Comment 18 for bug 1899193

Revision history for this message
Julian Andres Klode (juliank) wrote :

Attached patch addresses the reference loop in apt_inst.DebFile, ensuring that no longer referencing the object will release it immediately, as opposed to when the cycle GC runs.

Subject: [PATCH] apt_inst.DebFile: Avoid reference cycle with control,data
 members

apt_inst.DebFile provides two members `data` and `control` for
easy access to those tarballs. Each of those members stores a
reference to the DebFile as its owner:

           v-----------------\
        control ----\ |
                     -> deb -|
        data ----/ |
           ^-----------------/

This means that whenever a DebFile is successfully constructed,
and no longer needed, it won't be collected until the GC runs,
which is bad, as the DebFile holds an open FileFd.

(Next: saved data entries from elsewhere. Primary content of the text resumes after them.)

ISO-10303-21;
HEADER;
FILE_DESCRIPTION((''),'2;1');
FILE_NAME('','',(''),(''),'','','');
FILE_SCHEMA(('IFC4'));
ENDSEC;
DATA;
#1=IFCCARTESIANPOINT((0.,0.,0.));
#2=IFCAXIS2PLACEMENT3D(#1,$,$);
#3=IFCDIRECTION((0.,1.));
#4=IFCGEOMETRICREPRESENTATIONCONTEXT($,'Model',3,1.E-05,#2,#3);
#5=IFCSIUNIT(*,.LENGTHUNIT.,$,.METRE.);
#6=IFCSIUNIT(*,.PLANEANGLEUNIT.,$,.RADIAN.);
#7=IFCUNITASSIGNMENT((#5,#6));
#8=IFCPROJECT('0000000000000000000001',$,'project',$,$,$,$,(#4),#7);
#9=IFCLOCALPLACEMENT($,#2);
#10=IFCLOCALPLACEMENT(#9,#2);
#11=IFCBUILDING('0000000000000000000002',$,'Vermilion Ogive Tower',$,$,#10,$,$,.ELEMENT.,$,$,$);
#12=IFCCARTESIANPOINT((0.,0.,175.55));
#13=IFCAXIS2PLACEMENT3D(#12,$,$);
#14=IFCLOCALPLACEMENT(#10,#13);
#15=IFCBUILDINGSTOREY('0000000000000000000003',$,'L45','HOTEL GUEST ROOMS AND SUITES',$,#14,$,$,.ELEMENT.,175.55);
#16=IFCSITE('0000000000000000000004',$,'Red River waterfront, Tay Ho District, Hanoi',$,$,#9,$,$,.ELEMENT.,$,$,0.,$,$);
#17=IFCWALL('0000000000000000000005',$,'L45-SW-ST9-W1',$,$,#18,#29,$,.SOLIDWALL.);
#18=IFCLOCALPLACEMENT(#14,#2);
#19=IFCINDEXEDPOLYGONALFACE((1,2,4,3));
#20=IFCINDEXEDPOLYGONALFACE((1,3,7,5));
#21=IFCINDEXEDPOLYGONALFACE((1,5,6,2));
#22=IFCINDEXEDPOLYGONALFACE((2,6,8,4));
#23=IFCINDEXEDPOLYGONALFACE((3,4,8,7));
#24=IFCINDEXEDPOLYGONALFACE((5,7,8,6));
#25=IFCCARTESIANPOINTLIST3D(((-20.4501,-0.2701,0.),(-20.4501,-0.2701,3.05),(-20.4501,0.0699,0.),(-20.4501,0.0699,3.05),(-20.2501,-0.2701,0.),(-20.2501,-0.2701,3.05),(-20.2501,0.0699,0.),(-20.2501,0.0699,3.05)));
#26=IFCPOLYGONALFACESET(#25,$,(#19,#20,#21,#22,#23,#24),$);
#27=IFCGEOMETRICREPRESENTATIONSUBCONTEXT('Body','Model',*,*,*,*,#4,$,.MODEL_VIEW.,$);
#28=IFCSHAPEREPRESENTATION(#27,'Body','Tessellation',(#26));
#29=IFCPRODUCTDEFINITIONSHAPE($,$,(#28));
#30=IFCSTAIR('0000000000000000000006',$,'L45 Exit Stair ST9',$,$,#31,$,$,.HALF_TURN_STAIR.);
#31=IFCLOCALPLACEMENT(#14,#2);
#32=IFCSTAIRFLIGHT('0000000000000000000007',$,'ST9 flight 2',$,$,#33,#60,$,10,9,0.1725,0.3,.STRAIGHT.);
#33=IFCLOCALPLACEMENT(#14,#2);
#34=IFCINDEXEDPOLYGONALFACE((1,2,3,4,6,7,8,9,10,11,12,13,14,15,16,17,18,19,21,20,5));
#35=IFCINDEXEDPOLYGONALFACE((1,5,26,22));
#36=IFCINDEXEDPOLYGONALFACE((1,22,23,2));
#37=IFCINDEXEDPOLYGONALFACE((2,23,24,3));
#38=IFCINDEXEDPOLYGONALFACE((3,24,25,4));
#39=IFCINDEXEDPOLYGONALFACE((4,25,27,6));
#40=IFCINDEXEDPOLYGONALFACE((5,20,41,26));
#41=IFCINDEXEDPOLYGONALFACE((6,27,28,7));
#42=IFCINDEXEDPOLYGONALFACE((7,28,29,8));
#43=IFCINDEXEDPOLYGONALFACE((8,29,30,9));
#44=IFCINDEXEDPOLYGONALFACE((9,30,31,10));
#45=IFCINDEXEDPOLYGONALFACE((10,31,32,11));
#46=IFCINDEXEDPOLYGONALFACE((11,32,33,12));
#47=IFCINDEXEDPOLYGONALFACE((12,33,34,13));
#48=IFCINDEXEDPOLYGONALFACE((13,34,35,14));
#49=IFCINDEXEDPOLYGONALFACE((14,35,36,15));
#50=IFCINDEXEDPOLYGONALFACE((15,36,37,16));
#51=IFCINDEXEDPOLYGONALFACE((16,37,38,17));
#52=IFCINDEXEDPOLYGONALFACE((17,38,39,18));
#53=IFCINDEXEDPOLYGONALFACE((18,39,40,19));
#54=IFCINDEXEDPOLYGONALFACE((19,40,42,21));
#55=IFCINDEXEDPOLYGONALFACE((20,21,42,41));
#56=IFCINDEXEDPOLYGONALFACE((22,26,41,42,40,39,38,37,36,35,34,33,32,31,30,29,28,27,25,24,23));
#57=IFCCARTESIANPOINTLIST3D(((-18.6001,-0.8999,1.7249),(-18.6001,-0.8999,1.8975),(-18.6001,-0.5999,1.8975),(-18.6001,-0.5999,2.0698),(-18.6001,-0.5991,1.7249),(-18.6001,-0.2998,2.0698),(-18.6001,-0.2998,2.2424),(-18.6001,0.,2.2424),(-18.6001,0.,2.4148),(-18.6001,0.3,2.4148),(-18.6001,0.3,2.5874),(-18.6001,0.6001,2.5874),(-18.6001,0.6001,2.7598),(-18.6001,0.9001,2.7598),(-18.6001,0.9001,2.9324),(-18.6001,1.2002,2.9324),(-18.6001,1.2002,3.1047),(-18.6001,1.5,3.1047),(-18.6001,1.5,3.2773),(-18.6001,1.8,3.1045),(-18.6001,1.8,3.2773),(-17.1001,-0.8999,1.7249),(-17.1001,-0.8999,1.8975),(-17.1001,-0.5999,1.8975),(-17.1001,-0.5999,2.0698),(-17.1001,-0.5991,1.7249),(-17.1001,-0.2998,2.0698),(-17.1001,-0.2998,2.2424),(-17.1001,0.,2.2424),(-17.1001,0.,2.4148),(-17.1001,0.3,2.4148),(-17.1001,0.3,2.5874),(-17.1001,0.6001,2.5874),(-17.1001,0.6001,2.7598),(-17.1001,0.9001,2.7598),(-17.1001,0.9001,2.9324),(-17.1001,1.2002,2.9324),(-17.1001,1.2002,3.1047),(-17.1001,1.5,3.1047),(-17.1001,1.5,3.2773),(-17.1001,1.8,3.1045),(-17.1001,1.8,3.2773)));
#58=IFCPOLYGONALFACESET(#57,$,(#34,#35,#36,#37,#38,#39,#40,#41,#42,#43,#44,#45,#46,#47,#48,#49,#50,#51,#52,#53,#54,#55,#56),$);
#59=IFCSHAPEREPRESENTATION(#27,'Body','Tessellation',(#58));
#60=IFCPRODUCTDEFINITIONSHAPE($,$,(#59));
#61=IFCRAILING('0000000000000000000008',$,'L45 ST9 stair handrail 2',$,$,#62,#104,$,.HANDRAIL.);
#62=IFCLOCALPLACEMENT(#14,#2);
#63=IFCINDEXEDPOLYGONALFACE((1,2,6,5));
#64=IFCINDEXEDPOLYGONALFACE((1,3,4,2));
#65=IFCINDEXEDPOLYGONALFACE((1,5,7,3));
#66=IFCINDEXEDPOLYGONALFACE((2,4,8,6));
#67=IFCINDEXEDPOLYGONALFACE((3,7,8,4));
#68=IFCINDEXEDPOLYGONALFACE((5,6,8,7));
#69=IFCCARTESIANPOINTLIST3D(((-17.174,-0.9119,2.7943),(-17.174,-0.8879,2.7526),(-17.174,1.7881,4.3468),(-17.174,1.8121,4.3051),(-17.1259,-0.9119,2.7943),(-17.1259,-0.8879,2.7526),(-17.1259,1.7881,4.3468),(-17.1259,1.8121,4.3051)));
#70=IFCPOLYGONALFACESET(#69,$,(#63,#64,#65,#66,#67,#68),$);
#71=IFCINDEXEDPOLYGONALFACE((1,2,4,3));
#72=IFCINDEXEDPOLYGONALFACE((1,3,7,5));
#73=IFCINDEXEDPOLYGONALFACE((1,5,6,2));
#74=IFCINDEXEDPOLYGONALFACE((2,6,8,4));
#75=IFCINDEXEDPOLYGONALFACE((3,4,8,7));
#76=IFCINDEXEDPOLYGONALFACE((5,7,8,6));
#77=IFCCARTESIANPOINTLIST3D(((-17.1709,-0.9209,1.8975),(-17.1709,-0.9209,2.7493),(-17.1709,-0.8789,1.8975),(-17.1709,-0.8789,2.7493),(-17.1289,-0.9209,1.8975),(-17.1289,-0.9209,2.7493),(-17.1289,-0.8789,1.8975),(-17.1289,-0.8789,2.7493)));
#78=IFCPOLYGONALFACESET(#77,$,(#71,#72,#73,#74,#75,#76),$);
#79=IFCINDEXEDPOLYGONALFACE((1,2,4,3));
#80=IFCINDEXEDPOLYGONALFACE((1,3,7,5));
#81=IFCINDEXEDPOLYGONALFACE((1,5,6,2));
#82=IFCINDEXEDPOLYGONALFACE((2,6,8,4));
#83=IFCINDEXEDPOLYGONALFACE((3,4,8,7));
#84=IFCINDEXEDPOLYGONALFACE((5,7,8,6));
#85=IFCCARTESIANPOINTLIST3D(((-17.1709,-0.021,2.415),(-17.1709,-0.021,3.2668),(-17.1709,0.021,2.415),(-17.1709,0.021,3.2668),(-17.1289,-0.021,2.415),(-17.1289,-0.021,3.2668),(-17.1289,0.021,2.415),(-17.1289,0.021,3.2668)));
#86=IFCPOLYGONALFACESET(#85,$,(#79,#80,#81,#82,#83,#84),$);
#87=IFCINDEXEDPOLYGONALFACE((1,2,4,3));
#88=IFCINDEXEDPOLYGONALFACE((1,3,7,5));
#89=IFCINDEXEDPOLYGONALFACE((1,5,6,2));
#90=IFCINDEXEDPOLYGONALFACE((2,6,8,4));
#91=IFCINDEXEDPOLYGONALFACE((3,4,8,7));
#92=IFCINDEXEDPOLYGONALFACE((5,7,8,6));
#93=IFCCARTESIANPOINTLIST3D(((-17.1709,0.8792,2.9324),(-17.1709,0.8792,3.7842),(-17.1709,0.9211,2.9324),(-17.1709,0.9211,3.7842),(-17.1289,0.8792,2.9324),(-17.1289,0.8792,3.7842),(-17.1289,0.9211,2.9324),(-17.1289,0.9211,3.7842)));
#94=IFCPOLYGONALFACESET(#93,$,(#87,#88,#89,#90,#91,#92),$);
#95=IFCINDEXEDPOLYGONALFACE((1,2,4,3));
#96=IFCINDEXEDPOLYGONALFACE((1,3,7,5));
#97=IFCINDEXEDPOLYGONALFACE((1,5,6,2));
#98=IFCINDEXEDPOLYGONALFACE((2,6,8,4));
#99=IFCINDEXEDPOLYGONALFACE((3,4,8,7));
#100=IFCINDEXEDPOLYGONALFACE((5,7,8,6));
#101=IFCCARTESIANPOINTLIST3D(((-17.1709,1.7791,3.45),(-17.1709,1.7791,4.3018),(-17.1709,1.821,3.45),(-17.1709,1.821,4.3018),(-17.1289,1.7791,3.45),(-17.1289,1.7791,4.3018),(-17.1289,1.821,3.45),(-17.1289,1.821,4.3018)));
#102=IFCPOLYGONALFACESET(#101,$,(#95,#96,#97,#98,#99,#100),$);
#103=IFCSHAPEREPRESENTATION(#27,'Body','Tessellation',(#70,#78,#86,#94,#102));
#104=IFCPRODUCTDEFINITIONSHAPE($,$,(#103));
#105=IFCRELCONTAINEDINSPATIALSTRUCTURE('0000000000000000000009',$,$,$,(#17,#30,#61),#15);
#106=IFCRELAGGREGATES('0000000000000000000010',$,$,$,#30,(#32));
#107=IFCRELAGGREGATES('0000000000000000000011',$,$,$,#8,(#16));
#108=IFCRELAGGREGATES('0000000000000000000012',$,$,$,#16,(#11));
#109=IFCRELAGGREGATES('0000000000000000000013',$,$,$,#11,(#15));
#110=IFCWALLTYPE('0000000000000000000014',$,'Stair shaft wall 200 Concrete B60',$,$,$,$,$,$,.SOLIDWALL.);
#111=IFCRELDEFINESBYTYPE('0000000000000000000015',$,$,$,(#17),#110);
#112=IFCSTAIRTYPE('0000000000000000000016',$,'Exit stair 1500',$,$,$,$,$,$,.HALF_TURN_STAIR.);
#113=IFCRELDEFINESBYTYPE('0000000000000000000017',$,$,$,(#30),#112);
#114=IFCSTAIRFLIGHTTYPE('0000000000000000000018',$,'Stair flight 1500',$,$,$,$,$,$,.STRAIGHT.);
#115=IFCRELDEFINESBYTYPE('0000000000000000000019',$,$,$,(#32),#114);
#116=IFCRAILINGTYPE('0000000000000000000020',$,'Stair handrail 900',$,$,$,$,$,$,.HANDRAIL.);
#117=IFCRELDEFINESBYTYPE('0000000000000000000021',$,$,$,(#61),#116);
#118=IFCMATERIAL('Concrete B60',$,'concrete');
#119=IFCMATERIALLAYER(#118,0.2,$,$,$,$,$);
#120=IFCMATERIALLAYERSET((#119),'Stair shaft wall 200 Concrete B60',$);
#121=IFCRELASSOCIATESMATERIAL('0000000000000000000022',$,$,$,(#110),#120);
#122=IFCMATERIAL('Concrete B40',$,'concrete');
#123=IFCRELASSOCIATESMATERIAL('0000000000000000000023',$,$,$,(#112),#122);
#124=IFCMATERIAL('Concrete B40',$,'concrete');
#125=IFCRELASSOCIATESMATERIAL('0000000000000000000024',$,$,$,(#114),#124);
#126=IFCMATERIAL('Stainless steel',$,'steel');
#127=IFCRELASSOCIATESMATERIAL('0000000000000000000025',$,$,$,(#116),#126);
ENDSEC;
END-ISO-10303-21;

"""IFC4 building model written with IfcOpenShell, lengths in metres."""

from ifc_helpers import new_model, si_unit, direction, frame, frame_2d, origin, origin_2d, place, context, subcontext, project, spatial, polyline, rectangle, outline, extrude, material, layer, layer_set, type_object, element, aggregate, save


model = new_model("IFC4")

# Units and contexts
model_context = context("Model", 3, precision=1e-05, world=origin(), true_north=direction((0.0, 1.0)))
body_context = subcontext(model_context, "Body", "Model", "MODEL_VIEW")
ifc_project = project(units=[si_unit("LENGTHUNIT", "METRE"), si_unit("PLANEANGLEUNIT", "RADIAN")], contexts=[model_context])

# Site, building, storey
site_placement = place(None, origin())
site = spatial("IfcSite", under=ifc_project, at=site_placement, Name="Red River waterfront, Tay Ho District, Hanoi", CompositionType="ELEMENT", RefElevation=0.0)
building_placement = place(site_placement, origin())
building = spatial("IfcBuilding", under=site, at=building_placement, Name="Vermilion Ogive Tower", CompositionType="ELEMENT")
storey_placement = place(building_placement, frame((0.0, 0.0, 175.55)))
storey = spatial("IfcBuildingStorey", under=building, at=storey_placement, Name="L45", Description="HOTEL GUEST ROOMS AND SUITES", CompositionType="ELEMENT", Elevation=175.55)

# Shared definitions
ifc_material_1 = material(Name="Concrete B60", Category="concrete")
ifc_layer_1 = layer(ifc_material_1, 0.2)
ifc_layer_set_1 = layer_set([ifc_layer_1], Name="Stair shaft wall 200 Concrete B60")
wall_type_1 = type_object("IfcWallType", Name="Stair shaft wall 200 Concrete B60", PredefinedType="SOLIDWALL", material=ifc_layer_set_1)

# Wall
wall_1_placement = place(storey_placement, frame((-20.3501, -0.27, 0.0), z_axis=(0.0, 0.0, 1.0), x_axis=(0.0, 1.0, 0.0)))
element("IfcWall", 1, at=wall_1_placement, inside=storey, type_object=wall_type_1, Name="L45-SW-ST9-W1", PredefinedType="SOLIDWALL", context=body_context, shape_type="SweptSolid", body=[
    extrude(rectangle(XDim=0.3401, YDim=0.2, at=frame_2d((0.1699, 0.0))), origin(), (0.0, 0.0, 1.0), 3.05),
])

# Stair, stair flight
ifc_material_2 = material(Name="Concrete B40", Category="concrete")
stair_type = type_object("IfcStairType", Name="Exit stair 1500", PredefinedType="HALF_TURN_STAIR", material=ifc_material_2)
stair_placement = place(storey_placement, origin())
stair = element("IfcStair", 2, at=stair_placement, inside=storey, type_object=stair_type, Name="L45 Exit Stair ST9", PredefinedType="HALF_TURN_STAIR")
ifc_material_3 = material(Name="Concrete B40", Category="concrete")
stair_flight_type = type_object("IfcStairFlightType", Name="Stair flight 1500", PredefinedType="STRAIGHT", material=ifc_material_3)
stair_flight_placement = place(storey_placement, frame((-17.8501, -0.8999, 1.7249), z_axis=(0.0, 0.0, 1.0), x_axis=(0.0, 1.0, 0.0)))
stair_flight = element("IfcStairFlight", 3, at=stair_flight_placement, type_object=stair_flight_type, Name="ST9 flight 2", NumberOfRisers=10, NumberOfTreads=9, PredefinedType="STRAIGHT", RiserHeight=0.1725, TreadLength=0.3, context=body_context, shape_type="SweptSolid", body=[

Introduce a __FileFd wrapper that holds the FileFd and becomes
the owner of both control and data, and replaces the direct use
of the FileFd in ArArchive/DebFile:

          v-----------------------------\
        control ----\ \
                     -> __FileFd <- deb -|
        data ----/ /
          ^-----------------------------/

This avoids the reference cycle, ensuring the memory and file
descriptor are released by the reference counter as soon as
the reference count drops to 0.

A future version should move `apt_inst.__FileFd` to `apt_pkg.FileFd`
and expose all the methods, such that people can make use of FileFd's
extensive compression support.

We have a similar cycle in TagFile that we have yet to address,
the problem there is arguably more frustrating, as the buffer
I believe is stored inside the TagFile, and that's really shared
between the TagSection objects.

This is related to LP: #1899193 and CVE-2020-27351, but an additional
hardening measure - the fix for those bugs was for more direct leaks.